The United States alone is expected to earmark US$9.5 billion for fighter/attack/trainer R&M programs, with the rest of the world kicking in another US$10.3 billion.
“Air forces have a need to update their existing fleets of fighter/attack/trainer aircraft to meet the challenges of 21st century warfare,” says Adam Feld, airborne R&M analyst and author of the report.
“However, the economic turmoil spreading across the globe is having an effect on defense budgets, including upgrade funding.”
The wars in Afghanistan and Iraq have illustrated that the traditional roles of combat aircraft – to provide air superiority and destroy enemy surface assets – are of little help against an enemy with no air force, and that hides among a civilian population. 
To meet this new challenge, many Western nations, particularly the United States, are improving their fleet`s ground support role with improved sensors and precision ground attack capability.
Yet these nations remain aware that conventional warfare is not dead but only dormant, and seek to maintain their fleets` traditional capabilities as well.
Eastern nations are thus pressured to upgrade their own fleets to maintain parity. Both China and Russia are seeking to build their status as superpowers with modernised militaries, while tensions between India and Pakistan have led those nations – and their neighbours – to evaluate their true capabilities. 
India has launched a major modernisation effort that it claims will suffer no cuts even in the face of a slowing global economy.
Yet not all nations are so enthusiastic.
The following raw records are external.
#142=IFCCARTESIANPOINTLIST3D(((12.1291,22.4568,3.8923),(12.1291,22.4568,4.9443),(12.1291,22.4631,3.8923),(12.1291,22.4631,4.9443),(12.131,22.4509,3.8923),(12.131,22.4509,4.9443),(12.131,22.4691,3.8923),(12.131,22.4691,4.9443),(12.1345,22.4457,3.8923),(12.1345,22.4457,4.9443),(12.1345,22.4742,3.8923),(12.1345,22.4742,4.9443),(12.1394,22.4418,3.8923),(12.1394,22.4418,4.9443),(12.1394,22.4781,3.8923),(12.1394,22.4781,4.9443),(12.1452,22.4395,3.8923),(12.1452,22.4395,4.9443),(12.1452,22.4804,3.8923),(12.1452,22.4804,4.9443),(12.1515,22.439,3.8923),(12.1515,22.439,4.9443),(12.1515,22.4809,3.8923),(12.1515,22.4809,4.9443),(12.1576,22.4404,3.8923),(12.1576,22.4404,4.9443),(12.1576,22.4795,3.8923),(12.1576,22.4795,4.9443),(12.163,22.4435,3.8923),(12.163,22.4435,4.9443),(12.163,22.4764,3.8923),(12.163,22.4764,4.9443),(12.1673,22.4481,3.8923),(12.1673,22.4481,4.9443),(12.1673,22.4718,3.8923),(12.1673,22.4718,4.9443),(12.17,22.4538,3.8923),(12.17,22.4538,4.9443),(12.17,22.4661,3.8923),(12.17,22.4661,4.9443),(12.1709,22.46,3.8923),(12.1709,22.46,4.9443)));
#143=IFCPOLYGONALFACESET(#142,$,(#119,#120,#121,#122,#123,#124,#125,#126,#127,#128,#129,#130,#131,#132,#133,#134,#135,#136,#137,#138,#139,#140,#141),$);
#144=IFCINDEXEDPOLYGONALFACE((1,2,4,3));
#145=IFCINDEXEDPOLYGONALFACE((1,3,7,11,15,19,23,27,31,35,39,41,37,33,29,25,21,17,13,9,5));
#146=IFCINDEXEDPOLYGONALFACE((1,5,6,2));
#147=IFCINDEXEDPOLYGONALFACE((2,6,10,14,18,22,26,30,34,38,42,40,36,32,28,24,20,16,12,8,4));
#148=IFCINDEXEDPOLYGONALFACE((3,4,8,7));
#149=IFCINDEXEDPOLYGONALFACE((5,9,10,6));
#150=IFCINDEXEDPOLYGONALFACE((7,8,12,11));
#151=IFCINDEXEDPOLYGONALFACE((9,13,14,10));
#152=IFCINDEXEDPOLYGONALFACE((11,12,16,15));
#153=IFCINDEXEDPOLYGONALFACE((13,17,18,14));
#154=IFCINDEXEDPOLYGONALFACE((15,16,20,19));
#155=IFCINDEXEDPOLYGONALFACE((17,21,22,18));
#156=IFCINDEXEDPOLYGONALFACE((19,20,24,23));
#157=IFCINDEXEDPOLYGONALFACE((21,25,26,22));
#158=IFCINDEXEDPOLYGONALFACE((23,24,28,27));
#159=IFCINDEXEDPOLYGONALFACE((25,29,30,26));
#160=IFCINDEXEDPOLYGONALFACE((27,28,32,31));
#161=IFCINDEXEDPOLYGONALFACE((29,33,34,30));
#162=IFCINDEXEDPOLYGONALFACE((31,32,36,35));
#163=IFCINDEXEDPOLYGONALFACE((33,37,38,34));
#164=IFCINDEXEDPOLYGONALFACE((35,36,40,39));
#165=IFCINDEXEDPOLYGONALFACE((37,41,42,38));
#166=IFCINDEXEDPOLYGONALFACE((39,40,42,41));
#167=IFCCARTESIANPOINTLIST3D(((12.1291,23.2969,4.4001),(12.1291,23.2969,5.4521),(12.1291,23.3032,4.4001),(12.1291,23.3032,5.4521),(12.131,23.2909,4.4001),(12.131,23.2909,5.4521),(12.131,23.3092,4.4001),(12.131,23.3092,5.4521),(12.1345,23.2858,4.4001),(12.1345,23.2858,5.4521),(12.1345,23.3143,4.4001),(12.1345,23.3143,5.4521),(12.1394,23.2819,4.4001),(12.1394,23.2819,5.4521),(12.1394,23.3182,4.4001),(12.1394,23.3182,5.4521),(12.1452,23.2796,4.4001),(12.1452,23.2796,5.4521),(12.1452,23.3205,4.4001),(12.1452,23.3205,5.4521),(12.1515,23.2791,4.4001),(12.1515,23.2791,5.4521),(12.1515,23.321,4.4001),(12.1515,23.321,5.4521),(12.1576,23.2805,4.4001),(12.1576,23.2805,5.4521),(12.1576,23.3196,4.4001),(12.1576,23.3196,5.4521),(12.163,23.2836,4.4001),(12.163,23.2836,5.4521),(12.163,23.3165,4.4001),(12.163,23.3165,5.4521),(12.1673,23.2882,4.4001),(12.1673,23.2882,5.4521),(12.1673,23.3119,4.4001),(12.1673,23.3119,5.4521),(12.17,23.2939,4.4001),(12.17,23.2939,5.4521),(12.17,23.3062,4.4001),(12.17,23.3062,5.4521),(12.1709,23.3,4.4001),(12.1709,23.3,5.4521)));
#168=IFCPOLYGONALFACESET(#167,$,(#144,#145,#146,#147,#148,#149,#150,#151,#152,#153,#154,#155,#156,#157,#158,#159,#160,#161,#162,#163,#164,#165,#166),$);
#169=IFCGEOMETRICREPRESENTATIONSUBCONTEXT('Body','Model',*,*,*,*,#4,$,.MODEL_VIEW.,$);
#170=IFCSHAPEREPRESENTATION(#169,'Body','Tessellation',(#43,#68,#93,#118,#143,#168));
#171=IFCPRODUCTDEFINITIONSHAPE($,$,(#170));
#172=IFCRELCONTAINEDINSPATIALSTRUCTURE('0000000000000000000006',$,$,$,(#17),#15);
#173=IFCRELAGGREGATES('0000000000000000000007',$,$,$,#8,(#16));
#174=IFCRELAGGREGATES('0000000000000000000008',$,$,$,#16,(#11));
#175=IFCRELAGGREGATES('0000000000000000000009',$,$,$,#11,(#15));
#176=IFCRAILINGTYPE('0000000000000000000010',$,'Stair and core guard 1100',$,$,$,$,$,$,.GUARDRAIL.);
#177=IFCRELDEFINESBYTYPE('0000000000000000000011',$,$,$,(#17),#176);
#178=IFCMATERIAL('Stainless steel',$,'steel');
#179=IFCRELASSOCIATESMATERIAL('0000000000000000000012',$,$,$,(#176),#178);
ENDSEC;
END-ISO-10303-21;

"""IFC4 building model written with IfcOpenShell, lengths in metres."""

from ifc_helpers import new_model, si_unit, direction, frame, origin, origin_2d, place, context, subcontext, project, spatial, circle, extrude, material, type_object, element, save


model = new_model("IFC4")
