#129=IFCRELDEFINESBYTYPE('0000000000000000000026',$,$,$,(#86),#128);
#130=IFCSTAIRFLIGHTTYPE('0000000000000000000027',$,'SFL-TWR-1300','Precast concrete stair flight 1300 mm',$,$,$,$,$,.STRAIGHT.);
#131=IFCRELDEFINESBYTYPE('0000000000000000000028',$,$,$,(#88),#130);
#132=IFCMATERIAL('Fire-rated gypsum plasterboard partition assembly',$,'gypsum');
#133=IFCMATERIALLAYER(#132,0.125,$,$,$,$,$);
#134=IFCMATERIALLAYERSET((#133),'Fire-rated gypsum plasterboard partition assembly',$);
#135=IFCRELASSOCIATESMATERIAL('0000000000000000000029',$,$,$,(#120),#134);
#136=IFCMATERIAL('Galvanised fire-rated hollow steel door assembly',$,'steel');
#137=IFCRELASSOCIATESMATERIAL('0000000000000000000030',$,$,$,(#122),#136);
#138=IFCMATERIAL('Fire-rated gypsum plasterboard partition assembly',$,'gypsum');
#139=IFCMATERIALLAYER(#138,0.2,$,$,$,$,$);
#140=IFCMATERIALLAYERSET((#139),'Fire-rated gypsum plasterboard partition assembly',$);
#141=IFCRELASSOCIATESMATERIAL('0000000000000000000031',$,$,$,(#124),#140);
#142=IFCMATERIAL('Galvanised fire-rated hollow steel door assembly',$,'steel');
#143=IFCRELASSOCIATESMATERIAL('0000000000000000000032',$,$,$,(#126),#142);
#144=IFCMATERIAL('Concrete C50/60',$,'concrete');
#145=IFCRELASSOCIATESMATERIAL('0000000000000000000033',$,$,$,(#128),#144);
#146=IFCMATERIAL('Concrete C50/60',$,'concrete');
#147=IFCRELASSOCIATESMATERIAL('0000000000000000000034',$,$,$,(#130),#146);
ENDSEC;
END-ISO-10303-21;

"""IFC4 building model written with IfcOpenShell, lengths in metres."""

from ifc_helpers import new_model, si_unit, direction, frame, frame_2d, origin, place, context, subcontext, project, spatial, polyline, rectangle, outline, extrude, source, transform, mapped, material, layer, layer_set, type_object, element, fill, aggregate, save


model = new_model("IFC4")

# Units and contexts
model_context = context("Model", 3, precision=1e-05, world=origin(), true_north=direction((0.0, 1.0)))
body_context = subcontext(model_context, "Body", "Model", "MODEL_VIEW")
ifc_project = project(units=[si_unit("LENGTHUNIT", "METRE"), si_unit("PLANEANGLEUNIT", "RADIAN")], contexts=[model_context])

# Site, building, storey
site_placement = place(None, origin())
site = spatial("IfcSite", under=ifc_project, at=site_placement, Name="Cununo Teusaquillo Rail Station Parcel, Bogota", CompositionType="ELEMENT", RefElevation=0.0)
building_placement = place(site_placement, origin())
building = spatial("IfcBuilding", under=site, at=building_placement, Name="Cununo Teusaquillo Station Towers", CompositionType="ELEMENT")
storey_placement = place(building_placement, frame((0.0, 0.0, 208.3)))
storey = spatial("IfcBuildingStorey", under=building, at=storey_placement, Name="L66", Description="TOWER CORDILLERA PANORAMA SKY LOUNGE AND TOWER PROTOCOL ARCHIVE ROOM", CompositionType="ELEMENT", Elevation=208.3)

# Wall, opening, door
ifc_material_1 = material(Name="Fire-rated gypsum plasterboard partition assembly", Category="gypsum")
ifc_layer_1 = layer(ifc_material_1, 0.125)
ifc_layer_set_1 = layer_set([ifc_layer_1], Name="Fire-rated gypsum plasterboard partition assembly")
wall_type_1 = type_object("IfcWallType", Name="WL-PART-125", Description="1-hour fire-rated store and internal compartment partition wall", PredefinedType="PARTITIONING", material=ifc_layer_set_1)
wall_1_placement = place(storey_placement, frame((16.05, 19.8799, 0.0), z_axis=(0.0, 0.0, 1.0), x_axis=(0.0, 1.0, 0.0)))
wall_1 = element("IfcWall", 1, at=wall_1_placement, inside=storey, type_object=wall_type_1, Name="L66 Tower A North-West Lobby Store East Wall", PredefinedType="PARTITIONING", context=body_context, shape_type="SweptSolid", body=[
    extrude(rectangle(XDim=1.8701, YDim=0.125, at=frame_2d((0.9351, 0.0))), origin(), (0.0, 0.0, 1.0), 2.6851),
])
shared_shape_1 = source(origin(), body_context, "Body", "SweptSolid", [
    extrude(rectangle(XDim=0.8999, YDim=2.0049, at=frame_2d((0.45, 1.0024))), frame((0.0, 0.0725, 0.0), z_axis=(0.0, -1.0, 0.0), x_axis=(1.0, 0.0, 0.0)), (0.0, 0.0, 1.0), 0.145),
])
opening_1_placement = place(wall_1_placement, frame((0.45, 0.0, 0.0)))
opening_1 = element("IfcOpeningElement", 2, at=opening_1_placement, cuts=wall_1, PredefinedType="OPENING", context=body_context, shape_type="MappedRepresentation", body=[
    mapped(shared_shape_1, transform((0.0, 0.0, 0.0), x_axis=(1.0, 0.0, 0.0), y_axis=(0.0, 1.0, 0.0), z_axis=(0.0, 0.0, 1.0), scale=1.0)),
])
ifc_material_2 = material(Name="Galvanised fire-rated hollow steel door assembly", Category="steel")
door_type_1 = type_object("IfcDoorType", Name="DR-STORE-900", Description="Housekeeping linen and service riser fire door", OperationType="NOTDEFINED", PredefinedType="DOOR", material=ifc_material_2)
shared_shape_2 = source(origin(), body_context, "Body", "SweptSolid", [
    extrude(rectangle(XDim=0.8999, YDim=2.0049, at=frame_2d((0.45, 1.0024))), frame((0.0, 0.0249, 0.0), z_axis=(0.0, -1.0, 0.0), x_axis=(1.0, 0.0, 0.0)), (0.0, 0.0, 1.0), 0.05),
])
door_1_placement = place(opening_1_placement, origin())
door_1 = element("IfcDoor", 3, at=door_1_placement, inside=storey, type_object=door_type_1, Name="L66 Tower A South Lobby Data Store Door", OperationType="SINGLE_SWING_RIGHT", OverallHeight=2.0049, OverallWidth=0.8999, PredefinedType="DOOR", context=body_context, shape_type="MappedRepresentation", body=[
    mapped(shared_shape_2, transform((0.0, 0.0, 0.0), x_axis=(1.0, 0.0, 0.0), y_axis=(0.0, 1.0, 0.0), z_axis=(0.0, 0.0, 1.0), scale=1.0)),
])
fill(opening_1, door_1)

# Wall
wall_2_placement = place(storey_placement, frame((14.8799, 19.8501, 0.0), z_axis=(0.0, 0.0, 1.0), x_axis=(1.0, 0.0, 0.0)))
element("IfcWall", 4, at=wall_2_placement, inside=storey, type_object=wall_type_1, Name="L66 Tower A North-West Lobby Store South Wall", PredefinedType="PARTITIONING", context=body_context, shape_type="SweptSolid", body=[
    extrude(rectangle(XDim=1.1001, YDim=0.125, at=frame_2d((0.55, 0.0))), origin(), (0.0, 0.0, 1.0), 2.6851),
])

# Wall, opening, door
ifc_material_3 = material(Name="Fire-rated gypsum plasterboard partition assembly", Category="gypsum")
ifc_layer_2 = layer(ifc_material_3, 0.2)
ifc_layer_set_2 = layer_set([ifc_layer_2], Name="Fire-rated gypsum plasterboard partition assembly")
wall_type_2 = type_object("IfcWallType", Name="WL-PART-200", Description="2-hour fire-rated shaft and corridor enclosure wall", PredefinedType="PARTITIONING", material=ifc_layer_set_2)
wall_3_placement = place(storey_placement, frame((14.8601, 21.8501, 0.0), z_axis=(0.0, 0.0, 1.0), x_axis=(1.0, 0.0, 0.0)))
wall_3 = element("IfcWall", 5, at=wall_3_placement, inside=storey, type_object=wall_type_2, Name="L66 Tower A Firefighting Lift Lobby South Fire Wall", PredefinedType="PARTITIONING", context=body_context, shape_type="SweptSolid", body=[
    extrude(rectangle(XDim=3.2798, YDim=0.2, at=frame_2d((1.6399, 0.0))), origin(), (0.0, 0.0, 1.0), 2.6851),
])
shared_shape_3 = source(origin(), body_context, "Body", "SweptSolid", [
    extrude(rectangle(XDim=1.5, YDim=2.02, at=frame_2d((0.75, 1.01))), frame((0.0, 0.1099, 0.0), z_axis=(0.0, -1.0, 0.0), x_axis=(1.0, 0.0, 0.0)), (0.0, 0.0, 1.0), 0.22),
With an economic recession spreading worldwide, governments are feeling the pinch and are cautious about upgrade efforts. “Programs that are expensive in the short term but provide long-term savings – such as re-engining – are often put on the backburner pending more favorable economic conditions,” says Feld. 
For example, the promising field of composite airframe structure upgrades has fallen into stasis and is unlikely to fully mature until funding becomes less tight, according to Feld. 
And as always, the specter of higher fuel prices remains, despite the dramatic dive over the last few months. 
Caught between changing needs and tight budgets, militaries will seek upgrades for their air fleets that grant the greatest capability without being prohibitively expensive – literally, the most bang for their buck.